Cobalt International Energy, Inc.
- Company type: Public company
- Traded as: NYSE: CIEIQ
- Founded: 2005; 21 years ago
- Headquarters: Houston, Texas
- Key people: William P. Utt, Chairman Timothy J. Cutt, CEO David D. Powell, CFO
- Production output: 1.28 thousand barrels of oil equivalent (7,800 GJ) per day (2016)
- Revenue: ▲$0.016 billion (2016)
- Net income: -$2.343 billion (2016)
- Total assets: ▼$2.230 billion (2016)
- Total equity: -$0.841 billion (2016)
- Number of employees: 111 (2016)
- Website: www.cobaltintl.com

= Cobalt International Energy =

Cobalt International Energy, Inc. is a development stage petroleum exploration and production company headquartered in Houston, Texas. Cobalt International Energy Inc. filed for bankruptcy on December 14, 2017.

==Current operations==
The company has reserves deepwater in the Gulf of Mexico and offshore Angola and Gabon in West Africa.

The company owns a 9.375% working interest in the Heidelberg field, approximately 140 miles south of Port Fourchon off the Louisiana coast, which is operated by Anadarko Petroleum.

==History==
The company was founded in November 2005.

In December 2009, the company became a public company via an initial public offering, raising $850 million.

In 2012, the United States Department of Justice initiated an investigation into allegations that the company engaged in bribery in Angola, in violation of the Foreign Corrupt Practices Act. The investigation was closed in 2017.

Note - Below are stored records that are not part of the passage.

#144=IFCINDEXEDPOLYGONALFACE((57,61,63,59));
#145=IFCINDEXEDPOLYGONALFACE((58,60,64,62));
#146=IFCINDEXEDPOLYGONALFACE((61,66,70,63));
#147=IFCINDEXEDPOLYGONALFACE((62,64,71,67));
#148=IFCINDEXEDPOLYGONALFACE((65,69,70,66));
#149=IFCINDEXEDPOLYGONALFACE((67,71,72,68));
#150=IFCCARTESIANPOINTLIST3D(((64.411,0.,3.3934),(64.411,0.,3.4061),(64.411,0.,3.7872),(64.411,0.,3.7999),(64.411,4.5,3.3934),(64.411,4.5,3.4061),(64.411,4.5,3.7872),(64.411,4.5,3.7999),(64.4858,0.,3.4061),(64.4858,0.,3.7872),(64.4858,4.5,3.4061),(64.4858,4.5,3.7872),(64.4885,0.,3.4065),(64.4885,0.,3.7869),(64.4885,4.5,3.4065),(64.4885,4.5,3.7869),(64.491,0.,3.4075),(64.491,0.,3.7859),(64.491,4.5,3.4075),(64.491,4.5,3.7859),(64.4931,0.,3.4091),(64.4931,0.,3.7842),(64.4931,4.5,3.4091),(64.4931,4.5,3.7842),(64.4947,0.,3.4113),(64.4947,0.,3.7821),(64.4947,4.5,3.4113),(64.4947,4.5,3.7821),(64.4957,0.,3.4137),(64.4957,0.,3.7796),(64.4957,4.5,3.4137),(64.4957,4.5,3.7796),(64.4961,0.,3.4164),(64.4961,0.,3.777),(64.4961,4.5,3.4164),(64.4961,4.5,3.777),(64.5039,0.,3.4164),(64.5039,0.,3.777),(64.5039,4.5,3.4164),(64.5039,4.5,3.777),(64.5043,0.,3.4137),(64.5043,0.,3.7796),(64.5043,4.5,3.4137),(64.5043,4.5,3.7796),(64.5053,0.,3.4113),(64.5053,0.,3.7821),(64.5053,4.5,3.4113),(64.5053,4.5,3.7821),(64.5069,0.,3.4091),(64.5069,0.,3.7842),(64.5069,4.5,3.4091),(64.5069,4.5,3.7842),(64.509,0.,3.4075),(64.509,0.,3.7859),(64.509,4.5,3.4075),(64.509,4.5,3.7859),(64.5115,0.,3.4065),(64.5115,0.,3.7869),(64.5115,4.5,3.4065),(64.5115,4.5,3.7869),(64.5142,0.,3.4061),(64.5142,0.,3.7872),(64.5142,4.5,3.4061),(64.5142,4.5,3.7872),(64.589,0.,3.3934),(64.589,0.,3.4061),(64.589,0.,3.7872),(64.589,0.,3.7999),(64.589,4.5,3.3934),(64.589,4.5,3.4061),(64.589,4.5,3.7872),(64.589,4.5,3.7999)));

In April 2013, James Painter, the president of the company, resigned.

In 2015, the company reached an agreement to sell its Angolan assets for $1.75 billion to Sonangol Group. However, the deal fell through after Isabel dos Santos took over the company.

In May 2016, Timothy J. Cutt, formerly of BHP, was named chief executive officer of the company.

Cobalt International Energy filed for bankruptcy on December 14, 2017 in the U.S. Bankruptcy Court in Houston. At the time, it had 82 workers, with 31 temporary workers and 19 independent contractors.

To the dismay of many, on April 10, 2018 Cobalt International Energy terminated shareholders interest in the company as part of the bankruptcy agreement.